Вскоре он расширил территорию своих ночных посещений. Теперь он вновь стал выходить к своему излюбленному месту, которое определил для себя неким жизненным пространством, чтобы хоть как-то наполнить смыслом своё прискорбно-ужасное состояние. Ветер был настолько слаб, что о глупом катании от берега к берегу не приходилось и помышлять и ему оставалось только бесцельно бродить по зеркально чистому льду. Меряя широкое пространство реки старыми подшитыми валенками, Притыкин вдруг увидел её…

Нет, ему не показалось… под его ногами, лицом кверху, лежала полуобнаженная женщина, полностью вмерзшая в лёд. На ней были только ажурные трусики и лифчик. Фигура и лицо были безупречны по форме (по крайней мере, так показалось Притыкину) а длинные темные волосы

утопленницы застыли в причудливых извивах вокруг шеи, рук… Носик был слегка вздернут, аккуратен, глаза были открыты и удивительно чисты, как будто нисколько не осознавали свою ужасную кончину. А чувственный полуоткрытый ротик с припухшими губками, как будто призывал к плотской страсти.

Михаилу как током пронзило голову: «Не Катя ли это?» потому как была так же божественно красива. Потом прикинул, что телеведущая исчезла с экрана буквально на днях, а труп, конечно же, находится в реке с поздней осени. Но удивительно, что утопленница нисколько не искажена, ни страданиями, ни временем – цвет тела, как у живой… да и вся она в целом пышет здоровьем. Дрожь пробежала по телу Притыкина, страшно ему стало. «Какой же негодяй так разделался с красавицей или сама утопла»? – размышлял он.

Прибежав домой, он долго не мог найти себе место. Хотел позвонить Кабанцову, потом участковому, но передумал. Немного уняв нервную дрожь, Михаил взял фонарик и вновь поспешил к реке. Он внимательно изучил тело: следов побоев не находилось, в общем ничего такого, что свидетельствовало бы о насильственной смерти – она даже сияла вожделенно… После этой несложной процедуры Притыкин неумело перекрестился на всякий случай, и решил никому об этом пока не сообщать.

Весь день он не находил покоя, бегая по избе мучимый странным желанием видеть и видеть утопленницу, а как только стемнело, побежал на реку.

Он находился там почти до рассвета, любуясь в лунном свете своей странной и страшной находкой. Последнее его уже сильно не пугало, потому как сам того не ведая, стал влюбляться в ледяное изображение, принимая это как знак судьбы. Михаил нежно гладил шершавой рукой лёд, под которым скрывалось её лицо, волосы, шептал что-то лирическое, и терзаемый мыслью, что буквально через полтора, два месяца начнётся ледоход и его красавица исчезнет, он решился на отчаянный поступок.

На следующую ночь Притыкин прихватив санки, веревку, топор и ножовку, принялся решительно извлекать свою красавицу из ледяного плена.

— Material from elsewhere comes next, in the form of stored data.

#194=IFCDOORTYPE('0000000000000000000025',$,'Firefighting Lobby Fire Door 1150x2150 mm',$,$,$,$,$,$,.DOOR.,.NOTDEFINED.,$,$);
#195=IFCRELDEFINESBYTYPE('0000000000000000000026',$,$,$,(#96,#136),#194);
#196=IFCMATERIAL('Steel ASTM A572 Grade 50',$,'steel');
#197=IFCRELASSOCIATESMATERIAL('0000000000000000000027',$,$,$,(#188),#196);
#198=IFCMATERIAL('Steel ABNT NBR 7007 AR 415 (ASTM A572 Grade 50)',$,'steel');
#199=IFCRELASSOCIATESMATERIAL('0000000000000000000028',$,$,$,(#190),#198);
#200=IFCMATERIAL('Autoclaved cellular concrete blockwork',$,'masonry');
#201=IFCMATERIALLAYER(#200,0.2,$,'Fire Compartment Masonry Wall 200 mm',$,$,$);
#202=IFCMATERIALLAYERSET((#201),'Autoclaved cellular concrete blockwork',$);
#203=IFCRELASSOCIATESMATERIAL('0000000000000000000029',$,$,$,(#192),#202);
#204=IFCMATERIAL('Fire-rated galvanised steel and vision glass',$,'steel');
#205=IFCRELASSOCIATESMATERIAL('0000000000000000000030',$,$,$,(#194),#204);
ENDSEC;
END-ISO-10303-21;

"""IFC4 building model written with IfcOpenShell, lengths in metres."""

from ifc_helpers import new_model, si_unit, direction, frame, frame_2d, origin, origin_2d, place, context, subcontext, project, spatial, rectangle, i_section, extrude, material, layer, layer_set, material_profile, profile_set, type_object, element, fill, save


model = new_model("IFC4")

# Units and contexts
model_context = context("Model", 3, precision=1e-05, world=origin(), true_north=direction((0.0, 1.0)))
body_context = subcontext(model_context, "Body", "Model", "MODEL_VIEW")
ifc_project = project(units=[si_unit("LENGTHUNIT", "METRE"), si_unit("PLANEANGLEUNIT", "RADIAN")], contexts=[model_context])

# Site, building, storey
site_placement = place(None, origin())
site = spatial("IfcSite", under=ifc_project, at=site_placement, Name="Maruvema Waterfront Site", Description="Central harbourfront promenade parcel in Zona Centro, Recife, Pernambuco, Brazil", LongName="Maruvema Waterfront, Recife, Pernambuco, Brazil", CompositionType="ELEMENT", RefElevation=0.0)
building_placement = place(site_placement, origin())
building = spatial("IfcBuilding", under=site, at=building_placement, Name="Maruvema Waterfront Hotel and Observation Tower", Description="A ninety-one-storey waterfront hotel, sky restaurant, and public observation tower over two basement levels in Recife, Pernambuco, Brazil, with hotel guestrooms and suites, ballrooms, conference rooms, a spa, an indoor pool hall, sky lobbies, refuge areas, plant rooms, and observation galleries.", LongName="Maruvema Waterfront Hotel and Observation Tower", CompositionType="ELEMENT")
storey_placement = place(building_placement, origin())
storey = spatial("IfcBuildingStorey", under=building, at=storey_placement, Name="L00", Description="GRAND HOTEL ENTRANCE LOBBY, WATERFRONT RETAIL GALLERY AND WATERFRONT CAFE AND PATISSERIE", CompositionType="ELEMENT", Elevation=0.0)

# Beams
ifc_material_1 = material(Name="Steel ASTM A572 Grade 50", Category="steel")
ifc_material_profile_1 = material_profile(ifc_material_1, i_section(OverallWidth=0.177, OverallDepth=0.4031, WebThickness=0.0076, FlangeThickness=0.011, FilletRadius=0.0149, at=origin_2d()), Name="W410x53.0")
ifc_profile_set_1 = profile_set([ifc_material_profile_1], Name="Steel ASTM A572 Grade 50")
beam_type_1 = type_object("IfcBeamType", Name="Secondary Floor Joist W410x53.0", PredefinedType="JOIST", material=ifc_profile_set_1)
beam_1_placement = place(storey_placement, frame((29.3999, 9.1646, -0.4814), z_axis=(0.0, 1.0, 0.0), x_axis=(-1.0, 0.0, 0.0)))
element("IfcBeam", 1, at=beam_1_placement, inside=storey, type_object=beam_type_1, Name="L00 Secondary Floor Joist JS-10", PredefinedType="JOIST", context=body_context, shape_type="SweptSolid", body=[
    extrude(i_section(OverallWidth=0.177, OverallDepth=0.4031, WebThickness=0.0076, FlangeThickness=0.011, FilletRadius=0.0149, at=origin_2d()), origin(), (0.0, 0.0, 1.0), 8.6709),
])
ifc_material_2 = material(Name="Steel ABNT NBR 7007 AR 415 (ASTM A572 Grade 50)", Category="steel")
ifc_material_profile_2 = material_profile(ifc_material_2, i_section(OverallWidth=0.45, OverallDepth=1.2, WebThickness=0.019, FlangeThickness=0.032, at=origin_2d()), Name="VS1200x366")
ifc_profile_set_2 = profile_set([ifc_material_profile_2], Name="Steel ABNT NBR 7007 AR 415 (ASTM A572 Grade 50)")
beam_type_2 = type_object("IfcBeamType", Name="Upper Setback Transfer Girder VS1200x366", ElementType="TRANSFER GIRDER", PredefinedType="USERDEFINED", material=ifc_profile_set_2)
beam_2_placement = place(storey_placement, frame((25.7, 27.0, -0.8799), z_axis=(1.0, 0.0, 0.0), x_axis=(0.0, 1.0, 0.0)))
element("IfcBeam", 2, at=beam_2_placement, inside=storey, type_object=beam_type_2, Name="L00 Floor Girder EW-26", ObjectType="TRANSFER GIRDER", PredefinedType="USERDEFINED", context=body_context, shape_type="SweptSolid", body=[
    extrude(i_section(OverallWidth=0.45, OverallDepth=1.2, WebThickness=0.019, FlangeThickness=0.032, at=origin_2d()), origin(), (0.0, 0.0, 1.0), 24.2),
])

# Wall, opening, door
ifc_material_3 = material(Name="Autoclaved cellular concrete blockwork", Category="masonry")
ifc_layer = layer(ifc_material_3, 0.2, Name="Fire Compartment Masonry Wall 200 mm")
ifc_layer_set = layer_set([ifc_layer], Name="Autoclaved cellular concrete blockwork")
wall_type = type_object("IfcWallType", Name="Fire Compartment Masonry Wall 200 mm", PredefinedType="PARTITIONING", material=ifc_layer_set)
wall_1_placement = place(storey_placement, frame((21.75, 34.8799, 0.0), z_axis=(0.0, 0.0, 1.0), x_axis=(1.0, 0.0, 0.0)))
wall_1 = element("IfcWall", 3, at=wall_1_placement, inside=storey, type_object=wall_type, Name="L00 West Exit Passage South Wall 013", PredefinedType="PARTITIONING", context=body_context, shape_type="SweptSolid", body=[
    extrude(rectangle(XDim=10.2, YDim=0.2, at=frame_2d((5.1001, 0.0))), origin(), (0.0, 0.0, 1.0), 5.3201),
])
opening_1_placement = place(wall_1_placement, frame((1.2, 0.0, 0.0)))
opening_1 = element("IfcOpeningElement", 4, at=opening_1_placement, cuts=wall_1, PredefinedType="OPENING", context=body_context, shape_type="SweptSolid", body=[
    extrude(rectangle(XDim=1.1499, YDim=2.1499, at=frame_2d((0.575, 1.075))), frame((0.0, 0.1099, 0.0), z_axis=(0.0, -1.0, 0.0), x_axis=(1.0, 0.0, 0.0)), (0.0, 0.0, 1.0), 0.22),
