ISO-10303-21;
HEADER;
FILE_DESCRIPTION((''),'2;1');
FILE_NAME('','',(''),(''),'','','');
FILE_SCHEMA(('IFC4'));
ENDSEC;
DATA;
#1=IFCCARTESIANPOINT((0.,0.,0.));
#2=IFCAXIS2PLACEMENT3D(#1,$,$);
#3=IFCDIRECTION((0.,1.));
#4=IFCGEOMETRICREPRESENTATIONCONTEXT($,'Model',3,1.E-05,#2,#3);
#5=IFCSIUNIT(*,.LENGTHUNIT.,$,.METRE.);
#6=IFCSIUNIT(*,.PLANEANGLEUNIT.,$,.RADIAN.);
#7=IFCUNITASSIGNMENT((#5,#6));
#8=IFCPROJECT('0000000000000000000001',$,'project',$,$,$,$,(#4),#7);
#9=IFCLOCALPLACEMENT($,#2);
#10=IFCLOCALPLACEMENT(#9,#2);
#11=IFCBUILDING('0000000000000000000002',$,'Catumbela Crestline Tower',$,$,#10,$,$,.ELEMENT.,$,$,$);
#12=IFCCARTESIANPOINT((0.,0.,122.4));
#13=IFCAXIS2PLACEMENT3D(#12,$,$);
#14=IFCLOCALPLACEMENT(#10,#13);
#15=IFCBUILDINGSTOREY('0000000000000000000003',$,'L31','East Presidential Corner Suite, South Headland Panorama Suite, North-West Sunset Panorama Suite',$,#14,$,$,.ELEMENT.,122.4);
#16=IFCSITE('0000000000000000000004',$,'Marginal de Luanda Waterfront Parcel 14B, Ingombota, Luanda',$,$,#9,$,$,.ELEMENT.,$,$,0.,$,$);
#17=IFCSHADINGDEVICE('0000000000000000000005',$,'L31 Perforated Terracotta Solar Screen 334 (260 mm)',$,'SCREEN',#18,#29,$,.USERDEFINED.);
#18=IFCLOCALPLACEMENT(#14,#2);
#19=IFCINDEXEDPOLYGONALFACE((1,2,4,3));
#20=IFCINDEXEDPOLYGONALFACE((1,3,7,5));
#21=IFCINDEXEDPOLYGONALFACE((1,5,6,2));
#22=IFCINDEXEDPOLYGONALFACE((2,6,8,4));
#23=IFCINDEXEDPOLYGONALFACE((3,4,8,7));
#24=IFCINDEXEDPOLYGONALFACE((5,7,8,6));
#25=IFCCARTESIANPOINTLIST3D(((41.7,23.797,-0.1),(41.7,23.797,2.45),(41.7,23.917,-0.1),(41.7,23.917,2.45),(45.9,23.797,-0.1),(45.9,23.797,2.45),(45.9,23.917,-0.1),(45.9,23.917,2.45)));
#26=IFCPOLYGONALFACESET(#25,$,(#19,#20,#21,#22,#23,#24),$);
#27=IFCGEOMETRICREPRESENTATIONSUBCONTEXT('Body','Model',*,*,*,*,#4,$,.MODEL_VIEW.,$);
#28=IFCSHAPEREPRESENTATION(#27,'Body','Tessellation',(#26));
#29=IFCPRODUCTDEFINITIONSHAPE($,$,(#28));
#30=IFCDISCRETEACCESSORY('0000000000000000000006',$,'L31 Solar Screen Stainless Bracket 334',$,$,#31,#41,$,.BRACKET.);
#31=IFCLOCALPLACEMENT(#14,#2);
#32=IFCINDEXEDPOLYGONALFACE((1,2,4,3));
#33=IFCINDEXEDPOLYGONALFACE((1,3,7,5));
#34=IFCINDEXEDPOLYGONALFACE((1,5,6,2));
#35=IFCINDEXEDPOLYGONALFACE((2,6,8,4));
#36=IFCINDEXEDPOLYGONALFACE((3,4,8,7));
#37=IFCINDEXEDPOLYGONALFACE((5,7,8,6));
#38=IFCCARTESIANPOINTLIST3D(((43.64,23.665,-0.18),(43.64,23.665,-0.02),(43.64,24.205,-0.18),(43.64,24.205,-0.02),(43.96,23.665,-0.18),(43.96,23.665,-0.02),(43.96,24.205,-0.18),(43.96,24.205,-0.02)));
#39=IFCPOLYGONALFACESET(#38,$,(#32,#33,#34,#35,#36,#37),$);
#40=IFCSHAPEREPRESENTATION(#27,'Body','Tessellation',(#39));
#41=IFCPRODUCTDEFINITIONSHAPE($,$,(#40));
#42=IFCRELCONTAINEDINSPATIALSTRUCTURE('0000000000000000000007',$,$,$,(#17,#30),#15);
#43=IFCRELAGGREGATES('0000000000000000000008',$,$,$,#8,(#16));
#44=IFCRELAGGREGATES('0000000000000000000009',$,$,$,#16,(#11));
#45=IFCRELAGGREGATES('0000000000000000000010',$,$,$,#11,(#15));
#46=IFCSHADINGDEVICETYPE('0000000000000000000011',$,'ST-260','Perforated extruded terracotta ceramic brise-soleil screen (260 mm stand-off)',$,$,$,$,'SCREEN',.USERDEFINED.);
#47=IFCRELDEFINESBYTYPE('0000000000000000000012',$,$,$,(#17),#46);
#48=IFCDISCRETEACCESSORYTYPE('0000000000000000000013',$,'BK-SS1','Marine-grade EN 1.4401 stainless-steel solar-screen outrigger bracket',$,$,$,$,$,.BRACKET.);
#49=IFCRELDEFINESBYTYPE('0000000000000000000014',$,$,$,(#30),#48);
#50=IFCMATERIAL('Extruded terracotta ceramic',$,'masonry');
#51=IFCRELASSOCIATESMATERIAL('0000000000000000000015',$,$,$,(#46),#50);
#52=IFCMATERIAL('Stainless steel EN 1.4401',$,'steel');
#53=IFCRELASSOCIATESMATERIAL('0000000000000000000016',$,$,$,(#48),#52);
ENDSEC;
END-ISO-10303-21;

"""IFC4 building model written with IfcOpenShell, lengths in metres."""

from ifc_helpers import new_model, si_unit, direction, frame, origin, origin_2d, place, context, subcontext, project, spatial, rectangle, extrude, material, type_object, element, save


model = new_model("IFC4")

# Units and contexts
model_context = context("Model", 3, precision=1e-05, world=origin(), true_north=direction((0.0, 1.0)))
body_context = subcontext(model_context, "Body", "Model", "MODEL_VIEW")
ifc_project = project(units=[si_unit("LENGTHUNIT", "METRE"), si_unit("PLANEANGLEUNIT", "RADIAN")], contexts=[model_context])

# Site, building, storey
site_placement = place(None, origin())
site = spatial("IfcSite", under=ifc_project, at=site_placement, Name="Marginal de Luanda Waterfront Parcel 14B, Ingombota, Luanda", CompositionType="ELEMENT", RefElevation=0.0)
building_placement = place(site_placement, origin())
building = spatial("IfcBuilding", under=site, at=building_placement, Name="Catumbela Crestline Tower", CompositionType="ELEMENT")
storey_placement = place(building_placement, frame((0.0, 0.0, 122.4)))
storey = spatial("IfcBuildingStorey", under=building, at=storey_placement, Name="L31", Description="East Presidential Corner Suite, South Headland Panorama Suite, North-West Sunset Panorama Suite", CompositionType="ELEMENT", Elevation=122.4)

# Shading device
ifc_material_1 = material(Name="Extruded terracotta ceramic", Category="masonry")
shading_device_type = type_object("IfcShadingDeviceType", Name="ST-260", Description="Perforated extruded terracotta ceramic brise-soleil screen (260 mm stand-off)", ElementType="SCREEN", PredefinedType="USERDEFINED", material=ifc_material_1)
shading_device_placement = place(storey_placement, frame((43.8, 23.857, -0.1), z_axis=(0.0, 0.0, 1.0), x_axis=(1.0, 0.0, 0.0)))
element("IfcShadingDevice", 1, at=shading_device_placement, inside=storey, type_object=shading_device_type, Name="L31 Perforated Terracotta Solar Screen 334 (260 mm)", ObjectType="SCREEN", PredefinedType="USERDEFINED", context=body_context, shape_type="SweptSolid", body=[
    extrude(rectangle(XDim=4.2, YDim=0.12, at=origin_2d()), origin(), (0.0, 0.0, 1.0), 2.55),
])

# Discrete accessory
ifc_material_2 = material(Name="Stainless steel EN 1.4401", Category="steel")
discrete_accessory_type = type_object("IfcDiscreteAccessoryType", Name="BK-SS1", Description="Marine-grade EN 1.4401 stainless-steel solar-screen outrigger bracket", PredefinedType="BRACKET", material=ifc_material_2)
discrete_accessory_placement = place(storey_placement, frame((43.8, 23.935, -0.18), z_axis=(0.0, 0.0, 1.0), x_axis=(1.0, 0.0, 0.0)))
element("IfcDiscreteAccessory", 2, at=discrete_accessory_placement, inside=storey, type_object=discrete_accessory_type, Name="L31 Solar Screen Stainless Bracket 334", PredefinedType="BRACKET", context=body_context, shape_type="SweptSolid", body=[
    extrude(rectangle(XDim=0.32, YDim=0.54, at=origin_2d()), origin(), (0.0, 0.0, 1.0), 0.16),
])

save(model, "model.ifc")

При этом он старался, чтобы не одна прядь волос не пострадала при этом, не говоря уже об остальных частях тела. Он её, конечно, похоронит потом по-человечески, но сначала пусть она в своём ледяном панцире постоит у Притыкина на веранде: он будет любоваться её. Никто не знает, каких усилий ему это стоило, можно лишь догадываться, как он это проделывал. Но долгий процесс был завершен, и к утру ледяная красавица уже стояла у него на веранде, прикрытая старым половиком.

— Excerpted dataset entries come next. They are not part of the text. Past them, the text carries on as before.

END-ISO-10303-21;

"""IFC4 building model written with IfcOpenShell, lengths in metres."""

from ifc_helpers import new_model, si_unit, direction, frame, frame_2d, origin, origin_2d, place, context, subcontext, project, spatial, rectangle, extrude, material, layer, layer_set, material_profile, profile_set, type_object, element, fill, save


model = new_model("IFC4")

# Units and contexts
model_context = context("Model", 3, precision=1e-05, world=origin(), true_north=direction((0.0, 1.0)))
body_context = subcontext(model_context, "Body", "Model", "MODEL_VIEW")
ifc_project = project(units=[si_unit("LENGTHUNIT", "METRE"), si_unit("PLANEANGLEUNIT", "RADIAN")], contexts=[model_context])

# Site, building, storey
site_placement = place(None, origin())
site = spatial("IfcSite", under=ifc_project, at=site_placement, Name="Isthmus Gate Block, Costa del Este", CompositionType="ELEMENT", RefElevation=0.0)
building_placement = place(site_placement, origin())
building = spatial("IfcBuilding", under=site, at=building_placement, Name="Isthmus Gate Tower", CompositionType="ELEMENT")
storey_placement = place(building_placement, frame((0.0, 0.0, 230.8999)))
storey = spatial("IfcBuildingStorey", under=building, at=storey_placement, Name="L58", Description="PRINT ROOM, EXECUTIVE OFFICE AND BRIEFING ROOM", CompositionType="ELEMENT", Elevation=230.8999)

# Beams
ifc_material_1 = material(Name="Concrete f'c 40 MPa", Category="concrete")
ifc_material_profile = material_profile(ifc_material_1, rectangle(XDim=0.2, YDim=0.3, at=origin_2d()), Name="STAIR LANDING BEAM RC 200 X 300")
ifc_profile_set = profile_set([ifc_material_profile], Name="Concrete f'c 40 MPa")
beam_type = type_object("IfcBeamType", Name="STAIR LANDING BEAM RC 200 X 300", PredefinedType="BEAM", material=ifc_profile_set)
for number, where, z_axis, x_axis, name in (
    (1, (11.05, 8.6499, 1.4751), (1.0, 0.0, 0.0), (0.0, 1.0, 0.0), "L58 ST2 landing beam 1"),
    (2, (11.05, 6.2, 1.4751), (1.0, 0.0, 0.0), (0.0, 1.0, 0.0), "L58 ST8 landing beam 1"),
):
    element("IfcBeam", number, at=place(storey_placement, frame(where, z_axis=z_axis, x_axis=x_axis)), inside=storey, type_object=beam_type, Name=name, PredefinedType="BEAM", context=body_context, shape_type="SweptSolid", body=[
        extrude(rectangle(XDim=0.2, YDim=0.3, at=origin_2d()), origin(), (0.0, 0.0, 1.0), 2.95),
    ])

Часам к одиннадцати с хлебом пришел Вася-утконос, он же Кабанцов.

– Я вот что думаю, – начал он с порога, – Надо тебе, Миха, врачу показаться… этому… пластическому. Может соберет кое-что с ушей, с подбородка, со лба и натянет на дыру… рот, я думаю, не сложно будет сделать – отверстие и всё… а вот с носом будет сложнее, но они ж специалисты!.. А так до ишачьей пасхи ждать надо, пока новое лицо нарастёт. А нарастёт ли, ещё неизвестно.